MicroRNAs play a role in pathogenic mechanisms leading to heart failure. We measured a panel of 754 miRNAs in the myocardial tissue and in the serum of patients with heart failure with reduced ejection fraction due to dilatative idiopathic cardiomyopathy (DCM, N=10) or ischaemic cardiomyopathy (N=3), referred to left ventricular assist device implant. We aim to identify circulating miRNAs with high tissue co-expression, significantly associated to echocardiographic and haemodynamic measures.
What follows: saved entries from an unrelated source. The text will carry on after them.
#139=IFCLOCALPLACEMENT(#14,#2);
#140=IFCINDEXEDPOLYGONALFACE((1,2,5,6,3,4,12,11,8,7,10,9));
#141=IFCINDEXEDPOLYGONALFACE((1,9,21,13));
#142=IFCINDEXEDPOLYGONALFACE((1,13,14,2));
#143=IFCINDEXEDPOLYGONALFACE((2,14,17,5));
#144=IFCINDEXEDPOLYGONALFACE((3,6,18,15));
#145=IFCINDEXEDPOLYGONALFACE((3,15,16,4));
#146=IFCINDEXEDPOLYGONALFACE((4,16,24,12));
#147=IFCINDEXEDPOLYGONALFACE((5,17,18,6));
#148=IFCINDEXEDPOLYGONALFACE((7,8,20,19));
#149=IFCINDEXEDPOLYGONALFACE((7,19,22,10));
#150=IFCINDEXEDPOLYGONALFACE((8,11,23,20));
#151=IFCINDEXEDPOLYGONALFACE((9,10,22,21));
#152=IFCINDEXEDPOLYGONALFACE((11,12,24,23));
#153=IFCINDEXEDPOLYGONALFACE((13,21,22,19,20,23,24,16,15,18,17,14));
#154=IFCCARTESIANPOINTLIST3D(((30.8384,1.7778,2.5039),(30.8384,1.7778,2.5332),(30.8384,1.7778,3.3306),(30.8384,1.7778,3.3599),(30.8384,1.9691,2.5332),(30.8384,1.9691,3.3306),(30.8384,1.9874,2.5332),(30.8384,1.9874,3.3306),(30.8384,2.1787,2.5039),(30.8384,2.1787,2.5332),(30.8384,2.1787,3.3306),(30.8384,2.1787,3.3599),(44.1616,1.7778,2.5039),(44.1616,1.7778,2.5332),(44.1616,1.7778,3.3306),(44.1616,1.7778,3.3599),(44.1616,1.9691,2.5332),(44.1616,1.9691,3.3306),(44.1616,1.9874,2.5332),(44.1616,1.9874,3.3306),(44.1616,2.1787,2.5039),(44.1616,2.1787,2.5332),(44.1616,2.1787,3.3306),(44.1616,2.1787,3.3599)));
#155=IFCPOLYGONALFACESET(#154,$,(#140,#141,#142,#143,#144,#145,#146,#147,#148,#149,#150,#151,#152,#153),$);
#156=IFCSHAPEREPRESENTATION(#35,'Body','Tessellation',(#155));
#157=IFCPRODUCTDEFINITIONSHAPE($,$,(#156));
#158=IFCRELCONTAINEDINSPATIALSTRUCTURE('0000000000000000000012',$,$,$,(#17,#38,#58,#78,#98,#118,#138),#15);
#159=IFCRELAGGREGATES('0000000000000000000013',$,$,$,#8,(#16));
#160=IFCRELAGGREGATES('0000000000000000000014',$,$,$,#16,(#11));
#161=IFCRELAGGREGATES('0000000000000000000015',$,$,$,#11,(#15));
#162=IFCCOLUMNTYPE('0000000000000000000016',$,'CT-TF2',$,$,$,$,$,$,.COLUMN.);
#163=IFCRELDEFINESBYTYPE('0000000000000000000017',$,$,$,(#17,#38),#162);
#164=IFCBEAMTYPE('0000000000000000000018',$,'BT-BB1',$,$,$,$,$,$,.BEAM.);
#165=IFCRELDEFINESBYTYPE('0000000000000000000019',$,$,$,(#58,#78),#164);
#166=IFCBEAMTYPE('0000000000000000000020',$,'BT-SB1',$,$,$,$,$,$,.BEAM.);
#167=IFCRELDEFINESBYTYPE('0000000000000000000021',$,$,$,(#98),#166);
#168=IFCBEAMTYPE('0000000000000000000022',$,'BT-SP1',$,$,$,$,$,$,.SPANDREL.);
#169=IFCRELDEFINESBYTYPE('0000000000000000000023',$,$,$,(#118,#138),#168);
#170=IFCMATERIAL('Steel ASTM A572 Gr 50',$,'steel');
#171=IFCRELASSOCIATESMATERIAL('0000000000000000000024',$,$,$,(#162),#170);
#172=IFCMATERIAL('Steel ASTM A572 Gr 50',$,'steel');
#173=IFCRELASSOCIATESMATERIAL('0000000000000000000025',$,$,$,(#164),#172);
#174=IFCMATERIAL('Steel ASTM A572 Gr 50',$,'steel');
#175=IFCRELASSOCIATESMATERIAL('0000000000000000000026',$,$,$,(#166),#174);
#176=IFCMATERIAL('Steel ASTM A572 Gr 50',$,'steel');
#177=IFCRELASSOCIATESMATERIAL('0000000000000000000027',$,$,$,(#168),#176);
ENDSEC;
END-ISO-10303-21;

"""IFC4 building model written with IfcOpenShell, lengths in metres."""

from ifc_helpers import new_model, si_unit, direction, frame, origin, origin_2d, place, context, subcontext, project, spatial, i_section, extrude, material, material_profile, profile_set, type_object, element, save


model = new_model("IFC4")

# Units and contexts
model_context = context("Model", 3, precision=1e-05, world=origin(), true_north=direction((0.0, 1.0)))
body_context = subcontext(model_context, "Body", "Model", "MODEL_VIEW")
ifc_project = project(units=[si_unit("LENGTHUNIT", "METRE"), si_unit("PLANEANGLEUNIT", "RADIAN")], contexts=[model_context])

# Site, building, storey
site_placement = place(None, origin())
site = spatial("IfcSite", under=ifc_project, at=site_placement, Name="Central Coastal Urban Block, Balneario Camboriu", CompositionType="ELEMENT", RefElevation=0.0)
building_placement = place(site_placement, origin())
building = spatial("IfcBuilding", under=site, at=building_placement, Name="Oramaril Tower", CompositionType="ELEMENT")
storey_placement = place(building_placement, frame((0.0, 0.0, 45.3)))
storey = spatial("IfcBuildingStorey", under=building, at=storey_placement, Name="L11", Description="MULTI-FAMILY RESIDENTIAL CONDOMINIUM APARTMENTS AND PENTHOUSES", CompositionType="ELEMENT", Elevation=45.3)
We have measured a panel of 754 miRNAs in the myocardial tissue [left ventricular (LV) apex] and in the serum obtained at the same time in a well selected study population of end-stage heart failure with reduced ejection fraction due to either DCM or ischaemic cardiomyopathy, referred to continuous flow left ventricular assist device implant. We observed moderate agreement for miR-30d, miR-126-3p, and miR-483-3p. MiR-30d was correlated to LV systolic as well as diastolic volumes (r=0.78, P=0.001 and r=0.80, P=0.005, respectively), while miR-126-3p was associated to mPAP and PCWP (r=-0.79, P=0.007 and r=-0.80, P=0.005, respectively). Finally, serum miR-483-3p had an association with right ventricular end diastolic diameter (r=-0.73, P=0.02) and central venous pressure (CVP) (r-0.68 p 0.03). In patients with DCM, few miRNAs are co-expressed in serum and tissue: They are related to LV remodelling (miR-30d), post-capillary pulmonary artery pressure (miR-126-3p), and right ventricular remodelling/filling pressures (miR-483-3p). Further studies are needed to confirm their role in diagnosis, prognosis or as therapeutic targets in heart failure with reduced ejection fraction.